The "RIBOLUTION – integrated platform for the identification and validation of innovative RNA-based biomarkers for personalized medicine" project is a research association supported by the “Fraunhofer-Zukunftsstiftung” (Fraunhofer Future Foundation). The project is coordinated by Prof. Dr. Friedemann Horn at Fraunhofer IZI.
New RNA biomarkers for complex disorders (e.g. oncological, chronic-inflammatory and degenerative disorders) are being identified in the RIBOLUTION project by genome-wide screening processes. RIBOLUTION also includes so-called non-coding RNAs whose significance as potential biological markers have only been investigated in the recent past. Additionally, the process of the biological marker screening by RIBOLUTION is optimized and perfected with the help of technical innovations.
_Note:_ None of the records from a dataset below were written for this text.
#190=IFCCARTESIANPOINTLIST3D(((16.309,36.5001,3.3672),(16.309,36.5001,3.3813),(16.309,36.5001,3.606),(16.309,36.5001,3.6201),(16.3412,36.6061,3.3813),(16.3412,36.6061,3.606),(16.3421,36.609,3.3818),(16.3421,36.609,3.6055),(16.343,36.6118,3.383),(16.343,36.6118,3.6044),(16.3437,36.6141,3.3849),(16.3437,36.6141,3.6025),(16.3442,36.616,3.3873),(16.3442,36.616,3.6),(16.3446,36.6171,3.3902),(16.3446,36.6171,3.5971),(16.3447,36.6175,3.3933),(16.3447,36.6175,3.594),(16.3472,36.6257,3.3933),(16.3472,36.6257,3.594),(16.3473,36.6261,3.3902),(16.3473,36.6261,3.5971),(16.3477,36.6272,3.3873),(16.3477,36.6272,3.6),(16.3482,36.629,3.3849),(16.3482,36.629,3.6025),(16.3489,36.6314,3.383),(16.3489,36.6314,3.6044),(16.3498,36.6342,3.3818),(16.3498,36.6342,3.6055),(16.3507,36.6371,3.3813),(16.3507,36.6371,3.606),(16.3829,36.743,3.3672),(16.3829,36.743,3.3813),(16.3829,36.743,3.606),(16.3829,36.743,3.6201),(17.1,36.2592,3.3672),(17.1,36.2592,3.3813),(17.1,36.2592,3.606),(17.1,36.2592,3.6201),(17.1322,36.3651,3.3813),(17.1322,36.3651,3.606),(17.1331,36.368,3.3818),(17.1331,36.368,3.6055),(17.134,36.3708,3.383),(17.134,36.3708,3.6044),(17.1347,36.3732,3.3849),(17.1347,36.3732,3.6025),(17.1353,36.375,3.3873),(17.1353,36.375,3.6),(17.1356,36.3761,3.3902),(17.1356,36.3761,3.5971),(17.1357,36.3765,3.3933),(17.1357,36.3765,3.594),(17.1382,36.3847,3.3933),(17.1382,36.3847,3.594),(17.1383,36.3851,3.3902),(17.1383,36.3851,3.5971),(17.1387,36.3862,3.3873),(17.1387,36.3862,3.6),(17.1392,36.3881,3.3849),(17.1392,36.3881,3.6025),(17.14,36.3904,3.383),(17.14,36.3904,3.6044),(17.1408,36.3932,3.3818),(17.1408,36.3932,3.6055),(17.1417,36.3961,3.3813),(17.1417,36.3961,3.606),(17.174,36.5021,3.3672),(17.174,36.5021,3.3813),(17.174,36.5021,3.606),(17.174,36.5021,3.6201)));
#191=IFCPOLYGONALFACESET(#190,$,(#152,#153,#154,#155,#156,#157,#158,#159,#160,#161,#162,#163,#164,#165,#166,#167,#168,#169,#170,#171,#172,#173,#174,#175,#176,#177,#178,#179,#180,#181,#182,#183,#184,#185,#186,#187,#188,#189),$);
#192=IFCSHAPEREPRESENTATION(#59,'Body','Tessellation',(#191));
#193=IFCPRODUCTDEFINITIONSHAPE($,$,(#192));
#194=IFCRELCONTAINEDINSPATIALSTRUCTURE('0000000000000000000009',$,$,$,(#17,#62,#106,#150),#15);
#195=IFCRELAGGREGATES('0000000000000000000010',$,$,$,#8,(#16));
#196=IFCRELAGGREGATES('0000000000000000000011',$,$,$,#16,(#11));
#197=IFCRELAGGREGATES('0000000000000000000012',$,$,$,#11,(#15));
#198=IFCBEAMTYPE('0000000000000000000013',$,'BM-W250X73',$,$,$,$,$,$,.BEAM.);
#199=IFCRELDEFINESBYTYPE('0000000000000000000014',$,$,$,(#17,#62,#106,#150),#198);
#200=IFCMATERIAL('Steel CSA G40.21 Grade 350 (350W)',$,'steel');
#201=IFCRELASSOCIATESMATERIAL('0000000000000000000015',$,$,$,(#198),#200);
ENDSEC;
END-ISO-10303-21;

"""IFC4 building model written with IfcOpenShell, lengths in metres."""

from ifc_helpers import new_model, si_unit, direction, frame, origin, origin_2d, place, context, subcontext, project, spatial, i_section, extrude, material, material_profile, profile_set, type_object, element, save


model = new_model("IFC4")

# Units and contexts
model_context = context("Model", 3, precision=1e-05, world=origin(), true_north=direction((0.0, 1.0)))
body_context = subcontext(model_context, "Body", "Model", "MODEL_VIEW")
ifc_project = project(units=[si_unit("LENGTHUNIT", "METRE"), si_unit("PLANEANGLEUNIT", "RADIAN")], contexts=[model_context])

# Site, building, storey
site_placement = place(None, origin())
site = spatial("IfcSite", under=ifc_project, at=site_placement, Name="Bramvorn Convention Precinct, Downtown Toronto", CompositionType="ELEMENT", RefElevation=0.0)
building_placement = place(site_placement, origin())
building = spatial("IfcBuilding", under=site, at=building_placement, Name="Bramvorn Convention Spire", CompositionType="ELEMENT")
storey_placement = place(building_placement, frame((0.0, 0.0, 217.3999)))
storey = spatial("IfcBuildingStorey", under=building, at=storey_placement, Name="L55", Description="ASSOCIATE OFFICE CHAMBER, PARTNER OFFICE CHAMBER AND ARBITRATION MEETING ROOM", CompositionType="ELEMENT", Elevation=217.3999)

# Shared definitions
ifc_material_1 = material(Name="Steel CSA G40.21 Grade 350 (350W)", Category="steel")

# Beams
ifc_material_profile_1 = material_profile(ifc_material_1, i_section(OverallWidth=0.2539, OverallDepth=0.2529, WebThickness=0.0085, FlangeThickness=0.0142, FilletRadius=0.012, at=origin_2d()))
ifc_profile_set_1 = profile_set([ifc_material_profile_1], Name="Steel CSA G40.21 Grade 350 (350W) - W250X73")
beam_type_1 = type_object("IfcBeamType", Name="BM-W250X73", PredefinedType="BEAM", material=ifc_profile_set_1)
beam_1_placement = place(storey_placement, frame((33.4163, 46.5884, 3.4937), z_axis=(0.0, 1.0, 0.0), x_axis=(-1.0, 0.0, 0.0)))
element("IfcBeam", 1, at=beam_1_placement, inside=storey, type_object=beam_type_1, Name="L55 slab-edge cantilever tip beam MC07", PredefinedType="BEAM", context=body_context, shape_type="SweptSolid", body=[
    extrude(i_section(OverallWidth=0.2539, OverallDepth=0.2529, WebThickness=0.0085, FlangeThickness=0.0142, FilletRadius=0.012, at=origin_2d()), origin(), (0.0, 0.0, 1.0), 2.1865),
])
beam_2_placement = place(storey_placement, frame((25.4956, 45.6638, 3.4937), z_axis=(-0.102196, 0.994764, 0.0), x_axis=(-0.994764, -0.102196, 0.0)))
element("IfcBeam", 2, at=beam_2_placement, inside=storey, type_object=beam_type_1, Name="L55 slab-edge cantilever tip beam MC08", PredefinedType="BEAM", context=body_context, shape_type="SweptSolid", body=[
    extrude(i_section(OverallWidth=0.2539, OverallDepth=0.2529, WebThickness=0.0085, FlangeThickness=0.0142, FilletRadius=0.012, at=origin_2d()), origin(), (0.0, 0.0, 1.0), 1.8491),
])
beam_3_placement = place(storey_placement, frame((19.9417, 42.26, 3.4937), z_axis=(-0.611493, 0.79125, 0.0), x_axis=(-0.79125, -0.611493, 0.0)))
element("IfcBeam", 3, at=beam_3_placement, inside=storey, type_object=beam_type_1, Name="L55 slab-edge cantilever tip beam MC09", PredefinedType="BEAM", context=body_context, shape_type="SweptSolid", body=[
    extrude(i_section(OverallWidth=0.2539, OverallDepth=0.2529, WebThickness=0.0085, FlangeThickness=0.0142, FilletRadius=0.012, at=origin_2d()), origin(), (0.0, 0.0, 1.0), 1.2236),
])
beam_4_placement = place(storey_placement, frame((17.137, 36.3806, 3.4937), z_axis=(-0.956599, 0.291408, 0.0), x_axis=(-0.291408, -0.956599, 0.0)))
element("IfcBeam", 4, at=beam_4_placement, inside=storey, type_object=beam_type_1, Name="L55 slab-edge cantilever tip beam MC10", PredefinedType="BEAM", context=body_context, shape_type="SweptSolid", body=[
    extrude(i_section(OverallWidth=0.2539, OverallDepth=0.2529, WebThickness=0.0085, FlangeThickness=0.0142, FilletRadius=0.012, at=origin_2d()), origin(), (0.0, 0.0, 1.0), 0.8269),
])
Subsequent to the screening phase, potential biomarkers are evaluated with regard to their diagnostic and prognostic significance. Biomarkers with the ability to indicate a disorder or its course or forecast the response to therapies are of special interest.
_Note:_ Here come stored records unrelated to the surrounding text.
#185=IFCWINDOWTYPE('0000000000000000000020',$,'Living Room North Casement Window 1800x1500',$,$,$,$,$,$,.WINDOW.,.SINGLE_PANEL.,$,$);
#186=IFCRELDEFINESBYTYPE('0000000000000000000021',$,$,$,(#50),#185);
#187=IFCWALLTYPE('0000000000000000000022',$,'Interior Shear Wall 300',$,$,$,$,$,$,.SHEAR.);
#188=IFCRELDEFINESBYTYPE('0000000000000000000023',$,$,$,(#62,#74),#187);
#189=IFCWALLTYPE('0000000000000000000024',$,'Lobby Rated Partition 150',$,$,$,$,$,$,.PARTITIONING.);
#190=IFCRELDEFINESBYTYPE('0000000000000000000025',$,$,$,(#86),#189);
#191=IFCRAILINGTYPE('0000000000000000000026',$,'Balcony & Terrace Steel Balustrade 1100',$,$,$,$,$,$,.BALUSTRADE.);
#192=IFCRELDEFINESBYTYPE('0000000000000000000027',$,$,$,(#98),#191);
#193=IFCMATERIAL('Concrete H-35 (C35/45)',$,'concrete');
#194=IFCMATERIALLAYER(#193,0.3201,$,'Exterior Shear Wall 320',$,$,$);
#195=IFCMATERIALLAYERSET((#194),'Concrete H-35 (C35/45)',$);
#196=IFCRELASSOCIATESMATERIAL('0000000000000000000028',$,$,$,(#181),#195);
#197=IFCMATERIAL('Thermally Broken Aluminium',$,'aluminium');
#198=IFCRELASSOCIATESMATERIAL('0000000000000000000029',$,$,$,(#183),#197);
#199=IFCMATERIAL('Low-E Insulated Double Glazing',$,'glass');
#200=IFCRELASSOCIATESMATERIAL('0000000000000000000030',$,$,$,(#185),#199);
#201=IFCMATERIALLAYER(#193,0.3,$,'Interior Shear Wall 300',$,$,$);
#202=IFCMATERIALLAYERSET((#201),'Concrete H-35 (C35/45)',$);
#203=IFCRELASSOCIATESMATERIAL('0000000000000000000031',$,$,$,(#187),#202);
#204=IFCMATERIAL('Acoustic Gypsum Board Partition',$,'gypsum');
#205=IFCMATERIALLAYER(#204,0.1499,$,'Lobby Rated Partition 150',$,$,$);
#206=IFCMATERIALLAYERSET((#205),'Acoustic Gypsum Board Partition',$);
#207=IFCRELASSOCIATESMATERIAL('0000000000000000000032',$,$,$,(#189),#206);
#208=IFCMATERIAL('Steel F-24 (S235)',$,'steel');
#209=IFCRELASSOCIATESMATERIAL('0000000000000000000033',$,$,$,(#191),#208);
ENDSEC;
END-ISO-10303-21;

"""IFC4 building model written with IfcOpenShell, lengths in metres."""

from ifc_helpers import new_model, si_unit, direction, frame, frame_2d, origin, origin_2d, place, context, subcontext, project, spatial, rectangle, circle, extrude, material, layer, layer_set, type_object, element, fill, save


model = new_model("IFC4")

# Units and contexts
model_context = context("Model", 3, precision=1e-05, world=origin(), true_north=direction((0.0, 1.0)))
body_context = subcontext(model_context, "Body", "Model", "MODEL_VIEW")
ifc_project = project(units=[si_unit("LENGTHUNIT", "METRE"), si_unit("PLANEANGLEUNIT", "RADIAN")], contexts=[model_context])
In cooperation with the Heart Center Leipzig and the Institute for Microbiology of the University of Leipzig, the topic of improved pathogen diagnostics on infectious endocarditis is being investigated.
By means of genome-wide sequencing, pathogens are identified both directly on the infected cardiac valves as well as in the blood of the patient and compared with the findings of the microbiological analysis laboratory.
In addition to the already available microbiological analyses, the objective is to devise an optimized treatment strategy for every individual patient.
In a joint project with the University Gynecological Hospital Essen, genes are examined that are relevant for the formation and metastatic spread of mammary carcinoma, with respect to their expression pattern and the occurrence of mutations.
The unit developed a special DNA capture approach that permits disease-relevant DNA sections from primary tumors and metastases of patient to be selectively enriched and subsequently sequenced. Simultaneously at the Essen Hospital, circulating tumor cells (CTCs) are isolated from patient blood and the expression of mammary carcinoma-relevant genes examined by means of PCR.
The data from these studies can show how primary tumors and metastases differ in their mutation and expression patterns. Moreover, the project investigates whether CTCs can be employed for the diagnosis of mammary carcinoma and deliver indications for a target-specific treatment. As a result, complicated surgical removal of tumor tissues could become redundant.
In the past years, genome-wide next-generation sequencing has identified a multitude of non-protein coded RNAs (ncRNAs). Many of these ncRNAs apparently influence the formation and course of diseases. Nevertheless, a large part of these transcripts are hardly functionally characterized.
The main focus of this project therefore is comprehensive functional analyses of these ncRNAs in various immunological and neurologically relevant cell systems. With the selective knockdown of an ncRNA, subsequent examinations allow the determination of their influence on vitality, apoptosis rate, proliferation, adhesion and cell migration. Furthermore, the expression and localization of ncRNAs within tissues, but also on the single-cell level, can be visualized and quantified. In vivo interaction studies have deepened the identification of ncRNA-binding partners on the RNA, DNA and protein level. The objective is to clarify the molecular and cellular therapeutic mechanism of ncRNAs to better understand their role in diverse disease models and to establish possible therapeutic approaches.
This SAB- funded R&D association project was carried out by ApoCell Europe GmbH together with various units at Fraunhofer IZI. The objective was to develop innovative technologies for collecting and characterizing circulating tumor cells, to support the development of significantly improved tumor diagnostics and innovative therapies.